Did you just register or update the domains DNS, If so it may take up to 72 hours for your computer/ISP to recognize the changes.


----------



## anksrox (Jun 8, 2010)

Its the 4th day now!


----------



## Tikuf (Mar 5, 2010)

anksrox said:


> Its the 4th day now!


Ok then, lets ask some more questions.

Do you own this hosting account? Is it cPanel?
If Yes, Contact the host, Your IP address may be blocked by the firewall due to wrong password through FTP or cPanel login. Even if its not cPanel FTP can get your IP blocked too, mainly because you get something like 3 attempts and an FTP program will try it 50 times before giving up.

Next..

Does it work on other computers within your network, or is everyone on the network effected.

Next.. 

Lets do a Trace route.

How to http://www.mediacollege.com/internet/troubleshooter/traceroute.html

tweek: ok instead of the command they told you run, "tracert goldenpanda.in > C:/trace.txt" Make sure your run Command Prompt as an admin, and the results should be in a text file on your Root hard drive, please post results here.


----------



## anksrox (Jun 8, 2010)

It works on the laptop, when I connect it to Wi-Fi on the same network!

Its cPanel, but I changed servers too, earlier it was hosted on a GoDaddy account, now its on a seperate host, but yet the domain fails to load, but if I go through the root address of the server, the website loads properly.
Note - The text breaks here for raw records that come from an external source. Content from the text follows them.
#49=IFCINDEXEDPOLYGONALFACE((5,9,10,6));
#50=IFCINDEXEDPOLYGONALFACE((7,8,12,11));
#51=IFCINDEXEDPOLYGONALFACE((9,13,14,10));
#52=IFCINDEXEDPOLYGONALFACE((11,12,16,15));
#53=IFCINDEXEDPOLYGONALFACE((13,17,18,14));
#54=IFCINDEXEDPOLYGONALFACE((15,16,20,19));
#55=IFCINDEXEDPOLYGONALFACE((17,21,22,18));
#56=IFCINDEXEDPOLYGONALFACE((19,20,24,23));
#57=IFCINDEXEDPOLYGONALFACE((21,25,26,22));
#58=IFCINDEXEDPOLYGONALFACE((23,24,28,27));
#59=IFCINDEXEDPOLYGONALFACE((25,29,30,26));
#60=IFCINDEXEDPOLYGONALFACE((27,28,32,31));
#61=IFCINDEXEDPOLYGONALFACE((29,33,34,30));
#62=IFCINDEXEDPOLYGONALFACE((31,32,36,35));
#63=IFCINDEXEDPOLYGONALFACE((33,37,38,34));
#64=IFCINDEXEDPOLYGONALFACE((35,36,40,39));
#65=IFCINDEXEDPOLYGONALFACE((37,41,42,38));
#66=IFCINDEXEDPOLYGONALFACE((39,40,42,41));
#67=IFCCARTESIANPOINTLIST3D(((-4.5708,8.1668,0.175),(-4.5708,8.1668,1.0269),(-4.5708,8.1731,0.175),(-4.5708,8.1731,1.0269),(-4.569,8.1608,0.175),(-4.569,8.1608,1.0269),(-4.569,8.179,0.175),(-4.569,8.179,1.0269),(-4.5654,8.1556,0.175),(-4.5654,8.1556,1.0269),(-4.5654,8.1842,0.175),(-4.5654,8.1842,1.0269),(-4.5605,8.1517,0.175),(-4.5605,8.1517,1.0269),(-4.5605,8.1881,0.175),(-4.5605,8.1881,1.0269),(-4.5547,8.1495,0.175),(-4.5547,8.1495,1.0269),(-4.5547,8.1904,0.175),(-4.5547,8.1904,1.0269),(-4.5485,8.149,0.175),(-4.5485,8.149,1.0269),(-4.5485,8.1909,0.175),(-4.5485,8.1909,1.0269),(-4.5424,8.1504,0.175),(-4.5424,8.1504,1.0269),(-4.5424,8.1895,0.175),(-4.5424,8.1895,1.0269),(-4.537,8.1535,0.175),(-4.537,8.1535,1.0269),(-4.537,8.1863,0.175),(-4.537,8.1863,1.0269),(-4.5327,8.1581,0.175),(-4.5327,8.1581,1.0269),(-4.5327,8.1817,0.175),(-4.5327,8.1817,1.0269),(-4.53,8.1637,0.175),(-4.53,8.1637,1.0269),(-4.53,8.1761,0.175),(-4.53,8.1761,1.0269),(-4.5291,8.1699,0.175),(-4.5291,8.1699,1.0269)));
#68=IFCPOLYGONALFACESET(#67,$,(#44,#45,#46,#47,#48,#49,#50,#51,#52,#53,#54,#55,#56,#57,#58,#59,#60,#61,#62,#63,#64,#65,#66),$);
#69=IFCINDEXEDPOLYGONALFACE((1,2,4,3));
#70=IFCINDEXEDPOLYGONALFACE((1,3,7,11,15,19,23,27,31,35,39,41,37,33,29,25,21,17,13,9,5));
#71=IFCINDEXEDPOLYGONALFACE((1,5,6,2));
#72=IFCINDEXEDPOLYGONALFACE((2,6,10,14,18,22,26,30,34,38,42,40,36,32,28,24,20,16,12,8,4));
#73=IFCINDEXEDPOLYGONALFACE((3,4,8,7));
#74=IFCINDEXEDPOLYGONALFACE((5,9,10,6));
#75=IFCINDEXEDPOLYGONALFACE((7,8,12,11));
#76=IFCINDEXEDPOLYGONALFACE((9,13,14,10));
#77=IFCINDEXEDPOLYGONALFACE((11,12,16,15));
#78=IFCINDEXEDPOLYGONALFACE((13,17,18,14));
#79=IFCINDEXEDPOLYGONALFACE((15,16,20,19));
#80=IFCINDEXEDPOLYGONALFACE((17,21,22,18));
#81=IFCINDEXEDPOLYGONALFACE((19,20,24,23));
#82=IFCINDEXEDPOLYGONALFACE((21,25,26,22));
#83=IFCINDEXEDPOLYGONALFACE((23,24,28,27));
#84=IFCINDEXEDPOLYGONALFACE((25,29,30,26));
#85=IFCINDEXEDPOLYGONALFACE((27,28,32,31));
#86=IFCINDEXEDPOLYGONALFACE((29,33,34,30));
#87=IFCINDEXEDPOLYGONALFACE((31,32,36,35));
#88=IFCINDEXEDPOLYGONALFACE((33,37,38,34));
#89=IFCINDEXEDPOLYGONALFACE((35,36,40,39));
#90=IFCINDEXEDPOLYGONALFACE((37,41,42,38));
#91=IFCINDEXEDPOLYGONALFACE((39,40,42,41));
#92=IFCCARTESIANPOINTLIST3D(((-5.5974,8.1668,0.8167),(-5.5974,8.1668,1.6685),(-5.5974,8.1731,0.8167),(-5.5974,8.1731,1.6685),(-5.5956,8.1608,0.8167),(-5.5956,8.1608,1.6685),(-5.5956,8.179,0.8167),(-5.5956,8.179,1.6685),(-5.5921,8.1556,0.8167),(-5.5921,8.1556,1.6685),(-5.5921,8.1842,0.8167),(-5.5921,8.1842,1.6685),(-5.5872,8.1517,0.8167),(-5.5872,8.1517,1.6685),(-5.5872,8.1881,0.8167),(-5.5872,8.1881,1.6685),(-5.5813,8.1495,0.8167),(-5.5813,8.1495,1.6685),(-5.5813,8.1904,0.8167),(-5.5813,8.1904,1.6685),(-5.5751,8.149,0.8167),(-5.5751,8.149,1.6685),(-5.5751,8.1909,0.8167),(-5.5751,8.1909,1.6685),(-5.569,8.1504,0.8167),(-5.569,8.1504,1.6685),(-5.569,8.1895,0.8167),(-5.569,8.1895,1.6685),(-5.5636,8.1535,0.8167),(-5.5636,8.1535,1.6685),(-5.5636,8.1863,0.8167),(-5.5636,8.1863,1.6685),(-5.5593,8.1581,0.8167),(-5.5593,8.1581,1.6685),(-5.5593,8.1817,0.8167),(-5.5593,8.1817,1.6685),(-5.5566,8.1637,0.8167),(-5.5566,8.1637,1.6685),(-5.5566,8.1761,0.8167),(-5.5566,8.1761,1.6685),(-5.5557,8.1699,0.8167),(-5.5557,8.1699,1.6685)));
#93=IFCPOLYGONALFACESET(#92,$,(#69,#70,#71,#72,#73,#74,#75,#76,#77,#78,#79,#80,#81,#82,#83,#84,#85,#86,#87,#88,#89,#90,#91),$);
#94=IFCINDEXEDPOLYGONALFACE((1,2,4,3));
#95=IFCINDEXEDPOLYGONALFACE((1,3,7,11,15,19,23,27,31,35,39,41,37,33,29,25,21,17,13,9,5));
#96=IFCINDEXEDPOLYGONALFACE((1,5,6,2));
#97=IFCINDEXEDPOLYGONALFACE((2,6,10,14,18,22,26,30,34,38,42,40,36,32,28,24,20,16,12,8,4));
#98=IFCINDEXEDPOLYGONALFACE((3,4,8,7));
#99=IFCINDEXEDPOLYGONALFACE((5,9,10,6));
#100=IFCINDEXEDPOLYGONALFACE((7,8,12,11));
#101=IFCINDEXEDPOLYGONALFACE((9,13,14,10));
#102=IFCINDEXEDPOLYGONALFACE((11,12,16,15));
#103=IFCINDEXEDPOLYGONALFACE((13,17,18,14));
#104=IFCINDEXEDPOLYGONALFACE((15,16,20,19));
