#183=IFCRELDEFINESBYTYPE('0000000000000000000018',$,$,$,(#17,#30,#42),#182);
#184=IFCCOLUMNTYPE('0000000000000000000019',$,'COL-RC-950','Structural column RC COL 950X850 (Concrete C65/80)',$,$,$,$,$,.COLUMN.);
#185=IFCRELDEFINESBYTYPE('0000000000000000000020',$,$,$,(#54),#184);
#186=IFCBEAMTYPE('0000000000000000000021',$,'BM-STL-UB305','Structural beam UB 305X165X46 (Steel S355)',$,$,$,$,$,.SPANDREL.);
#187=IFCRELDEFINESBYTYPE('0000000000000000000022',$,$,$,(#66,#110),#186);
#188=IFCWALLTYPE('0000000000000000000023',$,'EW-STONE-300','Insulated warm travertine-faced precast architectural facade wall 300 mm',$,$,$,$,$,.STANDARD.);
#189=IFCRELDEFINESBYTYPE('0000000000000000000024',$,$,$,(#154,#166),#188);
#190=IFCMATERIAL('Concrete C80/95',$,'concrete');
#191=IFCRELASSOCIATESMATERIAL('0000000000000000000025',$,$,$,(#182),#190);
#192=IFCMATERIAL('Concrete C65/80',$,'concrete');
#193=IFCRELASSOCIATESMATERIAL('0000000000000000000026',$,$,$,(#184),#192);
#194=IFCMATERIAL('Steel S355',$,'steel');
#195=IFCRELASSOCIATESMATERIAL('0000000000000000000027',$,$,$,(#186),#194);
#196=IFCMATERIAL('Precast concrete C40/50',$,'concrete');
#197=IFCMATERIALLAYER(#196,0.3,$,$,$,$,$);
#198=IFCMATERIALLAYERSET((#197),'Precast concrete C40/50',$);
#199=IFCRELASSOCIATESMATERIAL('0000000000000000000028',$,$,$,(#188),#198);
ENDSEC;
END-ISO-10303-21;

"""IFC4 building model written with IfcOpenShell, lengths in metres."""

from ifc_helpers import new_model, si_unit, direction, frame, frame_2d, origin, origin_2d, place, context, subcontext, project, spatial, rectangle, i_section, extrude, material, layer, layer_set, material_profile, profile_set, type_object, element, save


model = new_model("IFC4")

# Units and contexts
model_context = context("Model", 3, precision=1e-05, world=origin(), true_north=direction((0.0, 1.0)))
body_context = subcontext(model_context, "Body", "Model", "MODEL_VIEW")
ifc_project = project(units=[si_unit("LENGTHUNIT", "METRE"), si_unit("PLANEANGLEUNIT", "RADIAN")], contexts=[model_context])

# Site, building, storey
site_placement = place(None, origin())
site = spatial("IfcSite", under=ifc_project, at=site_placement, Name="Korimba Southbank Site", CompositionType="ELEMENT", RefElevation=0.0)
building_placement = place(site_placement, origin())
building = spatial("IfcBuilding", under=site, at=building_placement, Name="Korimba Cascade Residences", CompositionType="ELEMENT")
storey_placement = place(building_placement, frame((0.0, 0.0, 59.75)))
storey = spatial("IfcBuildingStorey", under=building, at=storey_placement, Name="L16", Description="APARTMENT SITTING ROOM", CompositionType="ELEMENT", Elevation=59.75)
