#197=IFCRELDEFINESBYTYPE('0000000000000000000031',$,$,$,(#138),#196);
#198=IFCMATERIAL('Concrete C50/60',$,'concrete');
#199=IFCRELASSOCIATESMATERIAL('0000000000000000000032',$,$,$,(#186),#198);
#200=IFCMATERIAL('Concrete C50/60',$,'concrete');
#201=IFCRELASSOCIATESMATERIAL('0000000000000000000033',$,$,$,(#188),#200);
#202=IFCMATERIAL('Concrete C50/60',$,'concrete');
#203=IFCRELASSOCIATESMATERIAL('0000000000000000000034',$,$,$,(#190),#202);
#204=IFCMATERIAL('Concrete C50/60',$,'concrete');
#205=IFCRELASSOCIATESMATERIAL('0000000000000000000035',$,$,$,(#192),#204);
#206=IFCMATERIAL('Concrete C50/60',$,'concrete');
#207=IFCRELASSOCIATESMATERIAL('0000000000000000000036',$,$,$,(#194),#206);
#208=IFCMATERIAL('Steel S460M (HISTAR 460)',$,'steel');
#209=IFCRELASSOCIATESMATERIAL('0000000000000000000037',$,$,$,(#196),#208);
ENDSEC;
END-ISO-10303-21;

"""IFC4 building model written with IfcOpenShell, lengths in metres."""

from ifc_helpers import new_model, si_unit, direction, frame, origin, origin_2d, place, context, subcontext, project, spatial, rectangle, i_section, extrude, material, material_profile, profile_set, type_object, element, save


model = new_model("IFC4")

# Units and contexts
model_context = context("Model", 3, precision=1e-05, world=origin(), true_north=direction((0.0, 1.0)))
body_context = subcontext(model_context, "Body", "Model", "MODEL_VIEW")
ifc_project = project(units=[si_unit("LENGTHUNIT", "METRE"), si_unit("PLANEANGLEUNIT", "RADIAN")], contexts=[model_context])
I tried the TraceRoute, this is what comes up in the document:

Unable to resolve target system name goldenpanda.in.


----------



## Tikuf (Mar 5, 2010)

OK then, do you want to try flushing your DNS
http://www.topbits.com/how-to-flush-dns.html

Make sure you run Command Prompt as an Administrator.

Last but not least make sure there is nothing refrencing that domain in the hosts files.

My Computer > C: (or whatever drive Windows is on) > WINDOWS > system32 > drivers > etc > hosts

Open that file in notepad. Make sure there is nothing with that domain in that file, if there is Delete that entire line of text with the domain in it, save it, and try the site again.


----------